Yet, as the country is a member of the UN, I still found this sign in the overflow room for the plenary.

A sign that says Myanmar on a table in a room with many other tables in front facing rows.

I’m excited to share my ethnic heritage with people in the hopes I might find someone else out there from an ethnic group of Myanmar. To have a connection with more than a plastic sign here. Even with my complex feelings about the notion of a “national identity” around “Myanmar”, I knew the exclusion of the country would be one of the largest defining factors in my ability to find other members of the diaspora. I knew it would mean the global conversations around climate change would move on without acknowledging the people in that country, my friends and family, who have been undergoing floods at unprecedented scales across the recent years, putting a global biodiversity hot spot at risk. It’s my fourth day here, and I have been thankful to the many people who have tried to connect me to groups that might be able to help… but I still haven’t succeeded.

This will not stop my search.

On the other hand, what I did find were other youth who shared similar sentiments:

Oh, I am/We are also from a community that is not represented at this conference, attending through other means.
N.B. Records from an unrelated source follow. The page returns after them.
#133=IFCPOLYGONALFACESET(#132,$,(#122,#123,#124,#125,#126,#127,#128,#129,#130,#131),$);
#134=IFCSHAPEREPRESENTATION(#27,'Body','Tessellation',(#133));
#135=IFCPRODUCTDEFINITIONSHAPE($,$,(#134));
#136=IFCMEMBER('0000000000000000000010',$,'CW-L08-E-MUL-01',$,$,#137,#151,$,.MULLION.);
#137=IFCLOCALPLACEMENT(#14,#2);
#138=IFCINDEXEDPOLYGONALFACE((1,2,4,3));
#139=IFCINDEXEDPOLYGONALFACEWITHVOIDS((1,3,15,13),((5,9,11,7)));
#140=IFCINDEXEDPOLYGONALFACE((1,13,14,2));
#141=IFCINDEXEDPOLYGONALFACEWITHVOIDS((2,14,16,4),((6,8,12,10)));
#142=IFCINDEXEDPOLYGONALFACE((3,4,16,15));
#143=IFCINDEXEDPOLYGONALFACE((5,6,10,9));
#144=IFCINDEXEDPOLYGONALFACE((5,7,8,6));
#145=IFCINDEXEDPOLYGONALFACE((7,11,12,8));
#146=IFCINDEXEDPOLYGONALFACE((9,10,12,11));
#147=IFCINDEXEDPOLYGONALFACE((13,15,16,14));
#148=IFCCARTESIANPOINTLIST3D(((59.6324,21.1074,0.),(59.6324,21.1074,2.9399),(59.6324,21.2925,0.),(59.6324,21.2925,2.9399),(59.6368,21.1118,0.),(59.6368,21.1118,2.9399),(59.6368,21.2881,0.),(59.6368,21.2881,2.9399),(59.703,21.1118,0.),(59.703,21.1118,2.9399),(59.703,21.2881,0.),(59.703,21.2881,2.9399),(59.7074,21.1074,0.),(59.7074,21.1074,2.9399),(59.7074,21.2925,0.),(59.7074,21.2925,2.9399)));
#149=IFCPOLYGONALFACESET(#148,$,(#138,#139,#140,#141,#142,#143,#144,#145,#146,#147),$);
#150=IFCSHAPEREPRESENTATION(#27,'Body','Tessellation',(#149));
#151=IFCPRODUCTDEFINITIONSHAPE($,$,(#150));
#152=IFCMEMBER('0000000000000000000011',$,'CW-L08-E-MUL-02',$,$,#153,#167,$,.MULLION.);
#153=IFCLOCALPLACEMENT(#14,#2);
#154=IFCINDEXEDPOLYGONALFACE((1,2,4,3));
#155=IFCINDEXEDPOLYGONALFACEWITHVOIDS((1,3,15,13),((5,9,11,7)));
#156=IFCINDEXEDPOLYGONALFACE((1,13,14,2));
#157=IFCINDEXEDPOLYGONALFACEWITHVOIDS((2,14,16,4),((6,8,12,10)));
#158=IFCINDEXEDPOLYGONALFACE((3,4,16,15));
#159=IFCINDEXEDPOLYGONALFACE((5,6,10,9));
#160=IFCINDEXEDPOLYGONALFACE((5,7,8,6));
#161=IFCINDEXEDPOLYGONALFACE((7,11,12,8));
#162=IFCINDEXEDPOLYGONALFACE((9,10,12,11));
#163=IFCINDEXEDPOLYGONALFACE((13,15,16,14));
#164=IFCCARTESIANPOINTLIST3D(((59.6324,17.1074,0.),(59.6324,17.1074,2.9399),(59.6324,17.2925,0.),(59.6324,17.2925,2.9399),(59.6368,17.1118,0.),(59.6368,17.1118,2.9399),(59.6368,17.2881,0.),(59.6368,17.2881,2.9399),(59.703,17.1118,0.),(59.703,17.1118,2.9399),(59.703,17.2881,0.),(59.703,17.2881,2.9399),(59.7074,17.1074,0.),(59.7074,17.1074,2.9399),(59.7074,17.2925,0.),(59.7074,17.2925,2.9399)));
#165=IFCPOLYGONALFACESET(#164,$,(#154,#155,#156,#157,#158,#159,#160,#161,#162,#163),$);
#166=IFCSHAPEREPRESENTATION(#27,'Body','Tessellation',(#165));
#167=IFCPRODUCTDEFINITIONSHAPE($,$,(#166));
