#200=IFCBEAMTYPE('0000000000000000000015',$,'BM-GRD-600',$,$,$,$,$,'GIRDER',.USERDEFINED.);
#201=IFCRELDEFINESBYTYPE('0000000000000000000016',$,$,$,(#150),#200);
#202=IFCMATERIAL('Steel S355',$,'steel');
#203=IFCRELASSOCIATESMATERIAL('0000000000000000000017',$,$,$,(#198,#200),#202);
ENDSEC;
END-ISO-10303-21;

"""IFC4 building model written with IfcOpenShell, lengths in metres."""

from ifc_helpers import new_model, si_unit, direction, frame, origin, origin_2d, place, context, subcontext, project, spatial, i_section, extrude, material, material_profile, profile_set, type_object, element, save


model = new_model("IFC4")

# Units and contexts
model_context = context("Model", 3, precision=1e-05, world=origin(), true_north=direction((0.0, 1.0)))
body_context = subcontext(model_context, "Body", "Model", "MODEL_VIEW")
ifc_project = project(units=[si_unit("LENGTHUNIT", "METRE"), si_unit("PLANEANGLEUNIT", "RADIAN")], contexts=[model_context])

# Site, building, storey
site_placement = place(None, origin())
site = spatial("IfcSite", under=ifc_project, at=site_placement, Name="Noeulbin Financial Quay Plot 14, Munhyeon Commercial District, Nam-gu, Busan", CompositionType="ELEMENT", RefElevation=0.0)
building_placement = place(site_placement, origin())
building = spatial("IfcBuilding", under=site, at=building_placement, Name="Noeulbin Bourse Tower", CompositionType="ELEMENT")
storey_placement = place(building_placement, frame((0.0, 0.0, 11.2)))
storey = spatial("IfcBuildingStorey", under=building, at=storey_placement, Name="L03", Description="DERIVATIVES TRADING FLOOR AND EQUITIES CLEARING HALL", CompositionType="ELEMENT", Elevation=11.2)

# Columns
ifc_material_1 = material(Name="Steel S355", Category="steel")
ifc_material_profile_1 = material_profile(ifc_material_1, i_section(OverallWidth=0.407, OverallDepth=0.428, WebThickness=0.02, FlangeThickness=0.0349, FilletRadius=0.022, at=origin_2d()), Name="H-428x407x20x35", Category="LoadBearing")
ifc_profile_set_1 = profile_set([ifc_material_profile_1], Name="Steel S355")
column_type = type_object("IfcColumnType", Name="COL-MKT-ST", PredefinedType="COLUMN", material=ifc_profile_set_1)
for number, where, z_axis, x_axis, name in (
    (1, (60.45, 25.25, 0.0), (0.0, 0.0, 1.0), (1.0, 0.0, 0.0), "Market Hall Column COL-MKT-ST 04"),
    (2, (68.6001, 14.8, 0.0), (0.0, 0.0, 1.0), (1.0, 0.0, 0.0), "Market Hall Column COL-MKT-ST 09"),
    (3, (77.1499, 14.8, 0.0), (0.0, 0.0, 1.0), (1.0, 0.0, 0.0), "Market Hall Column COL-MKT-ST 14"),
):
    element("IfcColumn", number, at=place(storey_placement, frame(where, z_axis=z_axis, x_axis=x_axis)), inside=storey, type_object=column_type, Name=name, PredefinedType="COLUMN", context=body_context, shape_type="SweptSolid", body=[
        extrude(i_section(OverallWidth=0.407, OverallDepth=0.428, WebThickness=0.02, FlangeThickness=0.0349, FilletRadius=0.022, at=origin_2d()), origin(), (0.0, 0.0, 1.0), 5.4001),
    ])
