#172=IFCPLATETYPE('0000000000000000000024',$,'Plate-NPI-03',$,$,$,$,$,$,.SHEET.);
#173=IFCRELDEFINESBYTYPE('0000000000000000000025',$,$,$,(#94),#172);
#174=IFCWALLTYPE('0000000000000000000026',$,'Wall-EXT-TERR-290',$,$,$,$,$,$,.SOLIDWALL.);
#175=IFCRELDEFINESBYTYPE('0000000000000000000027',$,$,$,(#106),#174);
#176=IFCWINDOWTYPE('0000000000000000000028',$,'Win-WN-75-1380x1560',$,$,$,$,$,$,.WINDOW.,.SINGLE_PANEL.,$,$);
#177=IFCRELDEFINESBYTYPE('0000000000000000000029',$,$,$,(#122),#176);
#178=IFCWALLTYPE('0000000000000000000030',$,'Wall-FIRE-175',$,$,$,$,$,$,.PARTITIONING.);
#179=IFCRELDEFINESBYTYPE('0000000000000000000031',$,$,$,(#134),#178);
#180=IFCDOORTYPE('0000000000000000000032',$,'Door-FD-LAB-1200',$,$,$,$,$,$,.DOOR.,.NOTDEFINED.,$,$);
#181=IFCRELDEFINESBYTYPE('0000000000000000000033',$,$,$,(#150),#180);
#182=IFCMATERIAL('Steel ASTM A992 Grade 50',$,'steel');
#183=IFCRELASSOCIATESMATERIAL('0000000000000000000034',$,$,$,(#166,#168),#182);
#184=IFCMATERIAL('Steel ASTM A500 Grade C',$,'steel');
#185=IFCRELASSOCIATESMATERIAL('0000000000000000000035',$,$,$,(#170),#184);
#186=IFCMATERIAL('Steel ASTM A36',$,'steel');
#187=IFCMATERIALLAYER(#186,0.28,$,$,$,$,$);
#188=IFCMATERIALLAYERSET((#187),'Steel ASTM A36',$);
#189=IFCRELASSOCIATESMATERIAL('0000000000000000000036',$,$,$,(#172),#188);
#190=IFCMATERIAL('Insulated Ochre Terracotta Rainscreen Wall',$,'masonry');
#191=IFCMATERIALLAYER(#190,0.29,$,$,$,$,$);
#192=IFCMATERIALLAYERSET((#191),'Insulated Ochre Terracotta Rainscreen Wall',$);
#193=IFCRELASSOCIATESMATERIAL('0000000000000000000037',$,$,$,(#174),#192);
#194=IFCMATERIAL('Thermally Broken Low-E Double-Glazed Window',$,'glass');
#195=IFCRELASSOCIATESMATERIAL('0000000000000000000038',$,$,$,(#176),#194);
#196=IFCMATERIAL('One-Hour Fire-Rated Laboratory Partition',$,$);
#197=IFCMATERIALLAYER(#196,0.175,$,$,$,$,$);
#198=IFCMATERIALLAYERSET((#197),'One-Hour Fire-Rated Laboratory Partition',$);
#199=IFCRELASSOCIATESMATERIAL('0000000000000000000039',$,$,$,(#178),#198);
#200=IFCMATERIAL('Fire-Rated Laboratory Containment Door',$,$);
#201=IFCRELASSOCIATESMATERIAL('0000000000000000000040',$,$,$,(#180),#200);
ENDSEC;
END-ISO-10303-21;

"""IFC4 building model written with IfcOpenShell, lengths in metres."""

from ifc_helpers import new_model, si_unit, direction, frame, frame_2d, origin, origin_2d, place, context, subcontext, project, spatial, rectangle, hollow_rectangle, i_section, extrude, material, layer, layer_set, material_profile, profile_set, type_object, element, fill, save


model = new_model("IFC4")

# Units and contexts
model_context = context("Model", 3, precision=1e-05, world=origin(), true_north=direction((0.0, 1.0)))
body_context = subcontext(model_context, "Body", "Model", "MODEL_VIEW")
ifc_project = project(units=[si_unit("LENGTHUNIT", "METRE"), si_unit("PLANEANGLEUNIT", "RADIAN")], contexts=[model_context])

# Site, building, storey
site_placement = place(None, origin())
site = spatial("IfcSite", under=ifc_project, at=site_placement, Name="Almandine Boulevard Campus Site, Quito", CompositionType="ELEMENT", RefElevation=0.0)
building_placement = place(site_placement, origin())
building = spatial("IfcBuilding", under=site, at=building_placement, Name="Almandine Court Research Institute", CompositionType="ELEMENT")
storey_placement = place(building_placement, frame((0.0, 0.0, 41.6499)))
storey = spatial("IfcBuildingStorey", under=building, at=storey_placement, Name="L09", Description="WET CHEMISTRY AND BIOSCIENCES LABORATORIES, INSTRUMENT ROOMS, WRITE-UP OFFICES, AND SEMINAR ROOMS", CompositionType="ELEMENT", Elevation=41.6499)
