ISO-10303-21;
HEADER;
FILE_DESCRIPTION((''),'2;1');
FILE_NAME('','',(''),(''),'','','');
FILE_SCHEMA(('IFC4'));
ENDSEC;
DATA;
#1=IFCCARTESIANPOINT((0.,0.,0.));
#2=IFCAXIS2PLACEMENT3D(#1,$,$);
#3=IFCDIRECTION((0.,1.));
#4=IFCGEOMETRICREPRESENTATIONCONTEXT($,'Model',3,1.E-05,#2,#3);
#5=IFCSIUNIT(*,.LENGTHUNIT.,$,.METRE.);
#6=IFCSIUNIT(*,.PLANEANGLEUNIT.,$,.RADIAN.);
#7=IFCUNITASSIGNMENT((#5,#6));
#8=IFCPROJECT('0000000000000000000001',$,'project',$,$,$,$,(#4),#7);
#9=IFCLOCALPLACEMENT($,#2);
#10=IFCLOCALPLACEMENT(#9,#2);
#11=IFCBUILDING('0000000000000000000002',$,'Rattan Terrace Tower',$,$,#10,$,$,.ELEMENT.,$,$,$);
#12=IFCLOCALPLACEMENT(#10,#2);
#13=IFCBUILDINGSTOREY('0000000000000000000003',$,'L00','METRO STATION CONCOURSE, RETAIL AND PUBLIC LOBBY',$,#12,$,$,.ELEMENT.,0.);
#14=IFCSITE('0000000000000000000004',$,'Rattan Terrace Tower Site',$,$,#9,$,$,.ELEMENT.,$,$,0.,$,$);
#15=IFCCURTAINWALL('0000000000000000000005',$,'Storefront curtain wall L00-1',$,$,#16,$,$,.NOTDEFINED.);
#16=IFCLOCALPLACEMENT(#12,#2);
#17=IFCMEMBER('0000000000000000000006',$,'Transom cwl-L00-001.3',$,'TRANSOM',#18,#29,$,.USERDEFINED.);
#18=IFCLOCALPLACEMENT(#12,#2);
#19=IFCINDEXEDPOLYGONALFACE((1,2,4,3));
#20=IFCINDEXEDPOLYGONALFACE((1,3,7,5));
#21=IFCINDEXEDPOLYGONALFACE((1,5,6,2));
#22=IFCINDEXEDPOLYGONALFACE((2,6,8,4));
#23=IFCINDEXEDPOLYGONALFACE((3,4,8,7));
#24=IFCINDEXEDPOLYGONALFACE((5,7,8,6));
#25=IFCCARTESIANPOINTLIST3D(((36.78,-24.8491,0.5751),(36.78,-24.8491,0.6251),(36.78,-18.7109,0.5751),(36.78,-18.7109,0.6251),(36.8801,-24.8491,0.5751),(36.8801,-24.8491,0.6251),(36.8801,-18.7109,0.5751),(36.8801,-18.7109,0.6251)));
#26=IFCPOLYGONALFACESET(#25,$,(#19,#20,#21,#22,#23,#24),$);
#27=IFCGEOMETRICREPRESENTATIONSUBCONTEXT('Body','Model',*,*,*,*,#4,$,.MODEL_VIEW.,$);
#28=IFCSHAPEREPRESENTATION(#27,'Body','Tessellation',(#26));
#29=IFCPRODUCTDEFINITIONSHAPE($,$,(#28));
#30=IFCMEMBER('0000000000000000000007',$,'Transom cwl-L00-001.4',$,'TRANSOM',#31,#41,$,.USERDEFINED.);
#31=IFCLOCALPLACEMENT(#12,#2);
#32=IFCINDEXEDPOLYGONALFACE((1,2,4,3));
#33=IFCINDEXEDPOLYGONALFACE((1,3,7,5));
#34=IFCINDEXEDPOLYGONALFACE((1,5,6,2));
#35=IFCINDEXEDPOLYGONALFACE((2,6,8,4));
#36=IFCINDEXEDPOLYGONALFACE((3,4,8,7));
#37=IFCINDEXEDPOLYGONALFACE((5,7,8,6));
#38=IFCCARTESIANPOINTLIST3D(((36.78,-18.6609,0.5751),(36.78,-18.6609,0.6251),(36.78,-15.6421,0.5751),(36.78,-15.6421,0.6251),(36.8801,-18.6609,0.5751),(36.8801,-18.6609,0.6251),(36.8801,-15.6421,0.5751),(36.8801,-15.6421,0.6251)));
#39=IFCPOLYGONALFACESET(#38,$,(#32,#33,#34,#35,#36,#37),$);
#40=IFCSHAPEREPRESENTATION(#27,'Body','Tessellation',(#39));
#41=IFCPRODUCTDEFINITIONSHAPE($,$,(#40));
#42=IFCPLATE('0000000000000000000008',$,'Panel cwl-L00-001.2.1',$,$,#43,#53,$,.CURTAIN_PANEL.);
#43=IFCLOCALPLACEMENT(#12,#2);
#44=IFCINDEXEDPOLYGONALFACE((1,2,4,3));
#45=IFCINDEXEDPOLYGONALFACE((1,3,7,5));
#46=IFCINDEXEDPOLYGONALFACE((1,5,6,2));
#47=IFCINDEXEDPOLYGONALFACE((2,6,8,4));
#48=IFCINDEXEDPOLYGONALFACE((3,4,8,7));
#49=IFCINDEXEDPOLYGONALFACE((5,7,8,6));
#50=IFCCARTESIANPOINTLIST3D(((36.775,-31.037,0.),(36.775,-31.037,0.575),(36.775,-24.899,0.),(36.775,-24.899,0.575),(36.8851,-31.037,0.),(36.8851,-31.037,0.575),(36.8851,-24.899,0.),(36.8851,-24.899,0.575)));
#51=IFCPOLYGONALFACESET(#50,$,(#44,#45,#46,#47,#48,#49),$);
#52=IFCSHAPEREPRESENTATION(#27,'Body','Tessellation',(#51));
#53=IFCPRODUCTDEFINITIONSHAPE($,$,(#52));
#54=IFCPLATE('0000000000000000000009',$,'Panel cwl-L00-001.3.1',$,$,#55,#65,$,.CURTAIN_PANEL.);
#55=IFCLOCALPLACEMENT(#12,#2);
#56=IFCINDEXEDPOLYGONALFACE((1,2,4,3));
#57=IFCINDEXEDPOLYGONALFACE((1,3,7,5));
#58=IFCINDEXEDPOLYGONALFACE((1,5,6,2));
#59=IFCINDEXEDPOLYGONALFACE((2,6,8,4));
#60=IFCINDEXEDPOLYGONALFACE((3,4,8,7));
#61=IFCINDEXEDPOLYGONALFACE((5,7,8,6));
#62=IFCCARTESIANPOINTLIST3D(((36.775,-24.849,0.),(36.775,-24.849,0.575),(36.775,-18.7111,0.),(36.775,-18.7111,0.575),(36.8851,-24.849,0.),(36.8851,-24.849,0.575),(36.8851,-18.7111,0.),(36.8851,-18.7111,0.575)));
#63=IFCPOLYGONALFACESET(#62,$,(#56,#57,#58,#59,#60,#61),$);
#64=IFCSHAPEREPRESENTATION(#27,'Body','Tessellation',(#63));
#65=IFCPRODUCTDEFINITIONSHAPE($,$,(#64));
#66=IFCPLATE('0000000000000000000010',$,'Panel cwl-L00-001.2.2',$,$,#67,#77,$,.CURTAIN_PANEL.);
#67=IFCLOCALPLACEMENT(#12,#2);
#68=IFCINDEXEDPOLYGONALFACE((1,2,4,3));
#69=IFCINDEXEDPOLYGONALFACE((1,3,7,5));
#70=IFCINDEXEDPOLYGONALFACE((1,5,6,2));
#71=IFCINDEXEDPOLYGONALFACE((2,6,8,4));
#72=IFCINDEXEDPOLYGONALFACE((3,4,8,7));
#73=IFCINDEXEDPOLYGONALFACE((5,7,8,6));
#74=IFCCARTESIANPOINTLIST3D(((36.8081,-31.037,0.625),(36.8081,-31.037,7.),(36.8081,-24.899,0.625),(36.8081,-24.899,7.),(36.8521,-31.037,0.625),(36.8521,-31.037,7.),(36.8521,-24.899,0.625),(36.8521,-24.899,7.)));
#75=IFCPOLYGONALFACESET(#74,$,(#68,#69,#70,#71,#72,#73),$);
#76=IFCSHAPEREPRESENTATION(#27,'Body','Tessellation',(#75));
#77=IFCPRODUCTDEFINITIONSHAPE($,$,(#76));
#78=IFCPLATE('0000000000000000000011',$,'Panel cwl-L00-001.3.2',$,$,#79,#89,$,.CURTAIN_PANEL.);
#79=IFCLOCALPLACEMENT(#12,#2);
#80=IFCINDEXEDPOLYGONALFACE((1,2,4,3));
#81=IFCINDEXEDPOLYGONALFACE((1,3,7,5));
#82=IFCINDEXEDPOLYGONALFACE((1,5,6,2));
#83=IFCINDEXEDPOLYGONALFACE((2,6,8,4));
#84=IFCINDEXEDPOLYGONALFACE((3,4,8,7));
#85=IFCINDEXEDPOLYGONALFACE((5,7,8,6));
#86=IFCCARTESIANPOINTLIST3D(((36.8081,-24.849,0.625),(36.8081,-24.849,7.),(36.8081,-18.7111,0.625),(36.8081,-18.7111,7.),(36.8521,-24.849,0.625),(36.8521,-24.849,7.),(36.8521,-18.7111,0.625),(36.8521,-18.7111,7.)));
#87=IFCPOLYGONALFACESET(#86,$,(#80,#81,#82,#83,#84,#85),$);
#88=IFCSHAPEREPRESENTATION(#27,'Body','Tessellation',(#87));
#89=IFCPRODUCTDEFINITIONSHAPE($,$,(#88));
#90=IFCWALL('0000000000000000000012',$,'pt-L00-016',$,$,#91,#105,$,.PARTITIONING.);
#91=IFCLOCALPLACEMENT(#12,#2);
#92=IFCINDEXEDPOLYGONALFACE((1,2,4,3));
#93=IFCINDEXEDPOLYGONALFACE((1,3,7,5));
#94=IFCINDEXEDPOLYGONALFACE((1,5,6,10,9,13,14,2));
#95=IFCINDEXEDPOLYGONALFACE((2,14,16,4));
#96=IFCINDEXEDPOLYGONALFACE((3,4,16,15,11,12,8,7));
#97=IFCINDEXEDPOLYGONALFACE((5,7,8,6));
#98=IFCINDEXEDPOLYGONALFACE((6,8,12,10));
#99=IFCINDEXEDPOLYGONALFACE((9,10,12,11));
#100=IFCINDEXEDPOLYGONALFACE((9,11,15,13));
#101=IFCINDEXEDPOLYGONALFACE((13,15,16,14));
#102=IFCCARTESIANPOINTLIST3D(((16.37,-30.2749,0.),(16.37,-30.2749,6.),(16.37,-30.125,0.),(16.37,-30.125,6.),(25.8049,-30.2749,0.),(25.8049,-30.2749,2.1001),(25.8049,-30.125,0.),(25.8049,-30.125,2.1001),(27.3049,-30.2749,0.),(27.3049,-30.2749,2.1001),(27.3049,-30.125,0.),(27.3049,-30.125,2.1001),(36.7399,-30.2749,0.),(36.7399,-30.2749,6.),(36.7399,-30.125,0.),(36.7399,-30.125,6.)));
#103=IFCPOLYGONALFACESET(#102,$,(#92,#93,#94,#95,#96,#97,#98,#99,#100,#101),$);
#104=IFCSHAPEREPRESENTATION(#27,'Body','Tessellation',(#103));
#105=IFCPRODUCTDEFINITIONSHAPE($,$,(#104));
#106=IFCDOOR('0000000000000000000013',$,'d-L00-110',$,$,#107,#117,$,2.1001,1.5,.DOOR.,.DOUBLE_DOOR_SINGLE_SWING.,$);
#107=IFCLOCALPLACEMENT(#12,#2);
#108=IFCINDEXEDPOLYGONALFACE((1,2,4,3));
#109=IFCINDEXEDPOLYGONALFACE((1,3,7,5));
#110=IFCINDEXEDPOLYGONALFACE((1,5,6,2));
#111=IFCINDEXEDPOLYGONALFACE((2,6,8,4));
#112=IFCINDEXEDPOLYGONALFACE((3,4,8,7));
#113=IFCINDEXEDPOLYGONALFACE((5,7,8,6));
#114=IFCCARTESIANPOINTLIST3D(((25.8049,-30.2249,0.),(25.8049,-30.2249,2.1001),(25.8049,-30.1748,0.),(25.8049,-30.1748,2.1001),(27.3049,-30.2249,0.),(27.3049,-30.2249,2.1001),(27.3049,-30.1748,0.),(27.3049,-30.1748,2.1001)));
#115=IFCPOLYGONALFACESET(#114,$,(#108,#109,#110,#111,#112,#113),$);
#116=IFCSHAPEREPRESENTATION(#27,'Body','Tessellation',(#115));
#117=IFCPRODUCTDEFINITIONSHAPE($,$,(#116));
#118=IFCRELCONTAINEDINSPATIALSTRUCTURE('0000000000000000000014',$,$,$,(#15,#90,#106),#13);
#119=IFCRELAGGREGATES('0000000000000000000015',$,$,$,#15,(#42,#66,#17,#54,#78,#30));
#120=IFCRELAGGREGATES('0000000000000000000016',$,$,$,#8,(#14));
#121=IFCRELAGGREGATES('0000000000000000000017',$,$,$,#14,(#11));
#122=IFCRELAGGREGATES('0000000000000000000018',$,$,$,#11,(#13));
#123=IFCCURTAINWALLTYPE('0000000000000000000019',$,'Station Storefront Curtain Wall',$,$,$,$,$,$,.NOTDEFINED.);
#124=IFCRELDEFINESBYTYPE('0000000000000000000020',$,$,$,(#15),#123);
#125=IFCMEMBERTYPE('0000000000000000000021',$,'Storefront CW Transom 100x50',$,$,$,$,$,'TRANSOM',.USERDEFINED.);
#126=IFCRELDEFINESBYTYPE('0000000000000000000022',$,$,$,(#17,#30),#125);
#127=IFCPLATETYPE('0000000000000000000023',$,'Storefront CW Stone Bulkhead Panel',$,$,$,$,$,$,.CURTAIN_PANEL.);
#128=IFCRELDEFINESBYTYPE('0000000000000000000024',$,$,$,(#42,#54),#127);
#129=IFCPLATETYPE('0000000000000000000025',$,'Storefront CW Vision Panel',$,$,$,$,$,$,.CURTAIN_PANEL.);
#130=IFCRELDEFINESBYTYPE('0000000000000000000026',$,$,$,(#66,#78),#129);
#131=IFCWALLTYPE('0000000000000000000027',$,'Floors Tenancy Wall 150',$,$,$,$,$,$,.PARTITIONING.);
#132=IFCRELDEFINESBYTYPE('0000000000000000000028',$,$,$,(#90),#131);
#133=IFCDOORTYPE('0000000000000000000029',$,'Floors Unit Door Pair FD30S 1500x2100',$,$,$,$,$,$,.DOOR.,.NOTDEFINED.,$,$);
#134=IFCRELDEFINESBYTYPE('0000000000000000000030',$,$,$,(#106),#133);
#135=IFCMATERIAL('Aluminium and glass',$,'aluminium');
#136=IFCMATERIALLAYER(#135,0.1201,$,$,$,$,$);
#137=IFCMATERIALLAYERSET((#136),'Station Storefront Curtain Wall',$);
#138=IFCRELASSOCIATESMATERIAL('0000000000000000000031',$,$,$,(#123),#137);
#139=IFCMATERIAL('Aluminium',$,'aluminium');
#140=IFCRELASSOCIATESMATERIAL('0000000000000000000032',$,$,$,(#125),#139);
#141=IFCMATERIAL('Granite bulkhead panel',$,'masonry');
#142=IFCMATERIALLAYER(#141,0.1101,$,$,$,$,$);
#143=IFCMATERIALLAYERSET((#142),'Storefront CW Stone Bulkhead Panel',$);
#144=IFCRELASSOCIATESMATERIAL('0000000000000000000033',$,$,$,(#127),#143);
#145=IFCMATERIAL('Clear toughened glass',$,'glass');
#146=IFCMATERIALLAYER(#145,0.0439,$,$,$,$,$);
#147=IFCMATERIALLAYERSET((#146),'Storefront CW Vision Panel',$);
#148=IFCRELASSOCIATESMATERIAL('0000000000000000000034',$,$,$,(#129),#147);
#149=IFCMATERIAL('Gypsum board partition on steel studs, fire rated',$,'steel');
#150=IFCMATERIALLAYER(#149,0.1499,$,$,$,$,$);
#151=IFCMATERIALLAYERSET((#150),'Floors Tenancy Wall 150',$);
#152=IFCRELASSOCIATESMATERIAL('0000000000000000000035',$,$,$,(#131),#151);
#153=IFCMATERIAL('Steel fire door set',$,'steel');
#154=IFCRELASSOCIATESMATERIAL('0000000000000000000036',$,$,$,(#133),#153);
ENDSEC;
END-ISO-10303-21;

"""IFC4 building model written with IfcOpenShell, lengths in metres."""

from ifc_helpers import new_model, si_unit, direction, frame, frame_2d, origin, origin_2d, place, context, subcontext, project, spatial, rectangle, extrude, material, layer, layer_set, material_profile, profile_set, type_object, element, fill, aggregate, save


model = new_model("IFC4")

# Units and contexts
model_context = context("Model", 3, precision=1e-05, world=origin(), true_north=direction((0.0, 1.0)))
body_context = subcontext(model_context, "Body", "Model", "MODEL_VIEW")
ifc_project = project(units=[si_unit("LENGTHUNIT", "METRE"), si_unit("PLANEANGLEUNIT", "RADIAN")], contexts=[model_context])

# Site, building, storey
site_placement = place(None, origin())
site = spatial("IfcSite", under=ifc_project, at=site_placement, Name="Rattan Terrace Tower Site", CompositionType="ELEMENT", RefElevation=0.0)
building_placement = place(site_placement, origin())
building = spatial("IfcBuilding", under=site, at=building_placement, Name="Rattan Terrace Tower", CompositionType="ELEMENT")
storey_placement = place(building_placement, origin())
storey = spatial("IfcBuildingStorey", under=building, at=storey_placement, Name="L00", Description="METRO STATION CONCOURSE, RETAIL AND PUBLIC LOBBY", CompositionType="ELEMENT", Elevation=0.0)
These peers too understood the experience of being of communities that are silenced from the international political dialogue, one that has been structurally designed to erase us. We sit as observers in negotiation rooms as jargon flies by, we sit as the pressure of what all these conversations are supposed to mean to us creeps in. We ask each other:

So… why we even here?

And is that enough?

Am I doing enough, to carry the burden of all my ancestors before me who worked hard so I could be here now?

It’s hard to watch, as people move in groups all around me, connected by one thing or the other, while feeling so incredibly aware of how, if not for colonialism, imperialism, you name it… there would be others like me too. It’s certainly not a new feeling, but it is one that hits different each time it comes up again.

Suddenly, I feel so small.

Though, having someone that understands makes me feel, a little less small, and a little more of a sense of belonging.

I am reminded of a quote that too, re-emerges just as often:

There’s really no such thing as the ‘voiceless’. There are only the deliberately silenced, or the preferably unheard.

Arundhati Roy

Marginalized peoples, whether acknowledged by international political powers or not, have never been “voiceless”. We have been fighting for hundreds of years. Our voices continue to ring on.

There have been many references to the centerpiece of this COP:

This is the year that COP 27 actually moves towards acting on implementation.

This is the year that COP 27 actually centers food systems.

This is the year that COP 27 actually supports youth participation.

This is the year that COP 27 actually addresses loss and damage.

Well, I can tell you for a fact that this is the year that COP 27 has a Climate justice Pavilion in the Blue Zone, in spite of representing people that would otherwise be in the Green Zone, one-off events to check off the “diversity” requirement of their programming, or not present at all. I am thankful to have had the invitation to volunteer with them during my time in the conference through one of the main organizers WeACT for Environmental Justice. One of WeACT’s top community priorities is energy security and I connected with them through Young Professionals in Energy-NYC’s mentorship program.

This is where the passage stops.